Plasmid transfection was performed in a 6-well plate with a mixture of 500 ng NES-LgBiT-miniGi1-encoding plasmid, whose linker length between LgBiT and miniGi1 was extended to 15-amino acids from the original construct46,47, and varying amount of C-terminally SmBiT-fused MOR plasmid (with the N-terminal hemagglutinin signal sequence, followed the FLAG epitope tag and a 15-amino-acid flexible linker). After 1-day culture, the transfected cells were harvested with 1 mL of 0.53 mM EDTA-containing D-PBS, followed by addition of 2 mL the HEPES-containing HBSS. The cells were centrifuged at 190 g for 5 min and resuspended in 2 mL of the 0.01% BSA- and 5 mM HEPES (pH 7.4)-containing HBSS (assay buffer). The cell suspension was seeded in a 96-well culture white plate (Greiner Bio-One) at a volume of 80 µl (per well hereafter) and loaded with 20 µl of 50 µM coelenterazine (Carbosynth) solution diluted in the assay buffer. After 2-hour incubation with coelenterazine at room temperature, MetEnk (6 µM, diluted in the assay buffer) was manually added to the cells (20 µl). Luminescent signals were measured every 40 seconds after ligand addition and average luminescent values of 10–15 min were plotted.
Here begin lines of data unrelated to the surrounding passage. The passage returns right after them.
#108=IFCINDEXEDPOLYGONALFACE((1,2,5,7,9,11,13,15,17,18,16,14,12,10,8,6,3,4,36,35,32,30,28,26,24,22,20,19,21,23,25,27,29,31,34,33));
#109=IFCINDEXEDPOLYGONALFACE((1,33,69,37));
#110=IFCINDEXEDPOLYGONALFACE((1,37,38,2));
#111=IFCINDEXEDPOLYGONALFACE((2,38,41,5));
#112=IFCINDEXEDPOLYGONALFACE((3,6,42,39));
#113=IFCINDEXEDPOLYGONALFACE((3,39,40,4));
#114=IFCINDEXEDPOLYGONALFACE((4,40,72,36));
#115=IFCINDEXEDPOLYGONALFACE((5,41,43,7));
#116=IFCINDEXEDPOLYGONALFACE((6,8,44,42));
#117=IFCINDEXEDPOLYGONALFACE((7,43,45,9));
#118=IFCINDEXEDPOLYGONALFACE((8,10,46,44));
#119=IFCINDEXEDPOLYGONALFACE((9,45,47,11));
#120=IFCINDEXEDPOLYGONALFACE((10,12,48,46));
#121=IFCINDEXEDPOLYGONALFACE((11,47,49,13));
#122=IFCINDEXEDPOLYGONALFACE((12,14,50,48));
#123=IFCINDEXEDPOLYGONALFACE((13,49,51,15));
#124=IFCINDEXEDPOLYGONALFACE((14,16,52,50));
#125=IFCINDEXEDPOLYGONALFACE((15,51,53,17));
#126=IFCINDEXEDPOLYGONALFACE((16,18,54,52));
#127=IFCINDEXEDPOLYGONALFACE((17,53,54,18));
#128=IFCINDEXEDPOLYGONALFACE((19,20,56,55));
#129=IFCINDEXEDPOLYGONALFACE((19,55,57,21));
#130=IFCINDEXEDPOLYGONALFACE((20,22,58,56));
Statistics and reproducibility

For GloSensor cAMP assay and TGFα shedding assay, three independent experiments were performed in duplicate and triplicate, respectively. For quantitative RT-PCR analysis, three independent experiments were performed in duplicate. Symbols and error bars represent mean values and SEM of indicated numbers of independent experiments, respectively. Concentration–response curves were fitted to all data by the Nonlinear Regression: Variable slope (four parameter) in the Prism 9 with a constraint of the Hill Slope of absolute value less than two. For multiple comparison analysis, we tested statistical significance by two-way ANOVA, followed by the indicated post hoc test using Prism 9.

Reporting summary

Further information on research design is available in the Nature Portfolio Reporting Summary linked to this article.